Santiago Cabrera half naked. I don't really remember much else.


----------



## Ice fyre (Jan 24, 2014)

Well quite enjoyed it, as to lack of actual threat, to be fair this is like Flash Gordon falling to earth in one episode of his serial...oddly we know there are 20 more episodes so hmmm, mayhap he going to survive. Its a daft TV series, of course they will only have enough guns loaded, just like the Doctor will find a solution to the problem he's got himself into this week. Or Robin Hood will beat the bad guys and save the day!  
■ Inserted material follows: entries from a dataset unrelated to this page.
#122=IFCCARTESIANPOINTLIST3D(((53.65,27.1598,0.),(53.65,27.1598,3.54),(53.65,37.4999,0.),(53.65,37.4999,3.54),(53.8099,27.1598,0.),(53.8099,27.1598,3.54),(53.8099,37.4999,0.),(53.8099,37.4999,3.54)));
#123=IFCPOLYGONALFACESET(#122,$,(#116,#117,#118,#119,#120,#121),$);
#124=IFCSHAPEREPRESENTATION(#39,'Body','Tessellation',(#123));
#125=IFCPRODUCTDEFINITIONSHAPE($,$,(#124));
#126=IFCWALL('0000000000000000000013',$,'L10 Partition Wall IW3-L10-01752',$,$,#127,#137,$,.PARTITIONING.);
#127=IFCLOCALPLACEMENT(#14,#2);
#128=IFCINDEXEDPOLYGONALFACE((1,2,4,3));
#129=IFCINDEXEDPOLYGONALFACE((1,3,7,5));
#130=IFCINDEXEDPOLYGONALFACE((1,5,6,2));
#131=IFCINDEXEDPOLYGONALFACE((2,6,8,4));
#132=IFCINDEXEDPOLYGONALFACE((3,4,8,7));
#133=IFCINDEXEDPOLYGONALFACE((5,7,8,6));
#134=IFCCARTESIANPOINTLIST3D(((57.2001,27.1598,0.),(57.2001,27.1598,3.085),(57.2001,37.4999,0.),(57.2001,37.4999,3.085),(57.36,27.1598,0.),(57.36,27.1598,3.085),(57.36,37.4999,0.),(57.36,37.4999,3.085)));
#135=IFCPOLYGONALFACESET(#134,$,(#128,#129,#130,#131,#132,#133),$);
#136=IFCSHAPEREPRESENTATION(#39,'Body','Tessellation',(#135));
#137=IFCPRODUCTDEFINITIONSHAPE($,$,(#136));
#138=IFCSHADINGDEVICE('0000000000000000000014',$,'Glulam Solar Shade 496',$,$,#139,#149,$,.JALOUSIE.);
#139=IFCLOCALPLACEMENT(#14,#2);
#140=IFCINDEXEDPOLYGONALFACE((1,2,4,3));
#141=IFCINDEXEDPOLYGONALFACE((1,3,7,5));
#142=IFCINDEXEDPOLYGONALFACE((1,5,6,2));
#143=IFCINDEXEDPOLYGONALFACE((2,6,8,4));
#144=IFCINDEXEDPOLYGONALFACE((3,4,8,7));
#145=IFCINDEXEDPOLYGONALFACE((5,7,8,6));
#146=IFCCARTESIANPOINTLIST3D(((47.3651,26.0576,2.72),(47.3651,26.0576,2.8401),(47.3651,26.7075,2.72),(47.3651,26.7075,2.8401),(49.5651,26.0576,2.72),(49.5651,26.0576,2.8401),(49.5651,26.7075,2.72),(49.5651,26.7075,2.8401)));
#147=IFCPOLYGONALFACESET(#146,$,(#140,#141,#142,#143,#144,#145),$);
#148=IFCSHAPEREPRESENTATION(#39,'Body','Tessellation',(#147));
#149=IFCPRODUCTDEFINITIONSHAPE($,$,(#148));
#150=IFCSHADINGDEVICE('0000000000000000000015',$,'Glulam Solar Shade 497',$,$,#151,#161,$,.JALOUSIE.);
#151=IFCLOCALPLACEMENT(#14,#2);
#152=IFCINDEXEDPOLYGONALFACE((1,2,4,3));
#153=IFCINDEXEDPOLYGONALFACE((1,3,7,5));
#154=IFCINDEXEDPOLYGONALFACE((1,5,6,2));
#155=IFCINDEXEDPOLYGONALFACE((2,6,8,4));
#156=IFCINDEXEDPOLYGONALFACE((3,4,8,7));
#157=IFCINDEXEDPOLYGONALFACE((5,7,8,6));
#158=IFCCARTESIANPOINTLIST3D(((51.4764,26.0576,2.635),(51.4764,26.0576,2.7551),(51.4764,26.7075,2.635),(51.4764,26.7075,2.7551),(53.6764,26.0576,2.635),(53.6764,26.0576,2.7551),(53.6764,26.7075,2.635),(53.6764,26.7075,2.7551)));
Daft, well acted, looked lovley, much better than what I saw of Atlantis. I do agree tho, the BBC will look to cancel it as soon as possible, they have a knack for that.


----------



## Ursa major (Jan 24, 2014)

I found the first episode quite enjoyable: a romp that didn't take itself too seriously, and (most importantly) had the pace to surf over most of the things that wouldn't bear much scrutiny.


I'm not going to complain about how close it was (or wasn't) to the Dumas novel, not after I read on Wiki how the story came to be. Dumas loosely based his novel on an earlier work, which itself had played fast and loose with some historical events and characters. These are not firm foundations on which to build a case for sticking to every word of a source.


----------



## Idoru (Jan 24, 2014)

I've not read the book so I'm still reeling from Milady not being a cat.


----------



## DaCosta (Jan 24, 2014)

100 times better than Atlantis. 

Darker, of course, as it's in a later Sunday night slot - I do like a bit of dark.  Capaldi was awesome.


----------



## HareBrain (Jan 24, 2014)

Ice fyre said:


> Well quite enjoyed it, as to lack of actual threat, to be fair this is like Flash Gordon falling to earth in one episode of his serial...oddly we know there are 20 more episodes so hmmm, mayhap he going to survive. Its a daft TV series, of course they will only have enough guns loaded, just like the Doctor will find a solution to the problem he's got himself into this week. Or Robin Hood will beat the bad guys and save the day!



I don't mind daftness as such, but (and I wonder if this is just me) fight scenes where there's no sense of danger -- and unless they're played for laughs -- are dead boring. What's the point of them? What do they achieve? The big fight scene in this episode was the only time I broke off to check my emails. It just didn't feel real. At least the other scenes actually advanced the plot.

It's not just a case of knowing the heroes are going to survive, either -- this was also true of most of those in the film Excalibur, for example, but those had a real sense of excitement and risk and reality about them, rather than being a scheduled two-minute "action" gap until we got to something else.


----------



## svalbard (Jan 24, 2014)

DaCosta said:


> My 4 yo approves.



I approve


----------



## Mouse (Jan 26, 2014)

I pretty much only noticed the young pretty feller and didn't even realise Santiago Cabrera was in it until this bit:



Idoru said:


> Santiago Cabrera half naked. I don't really remember much else.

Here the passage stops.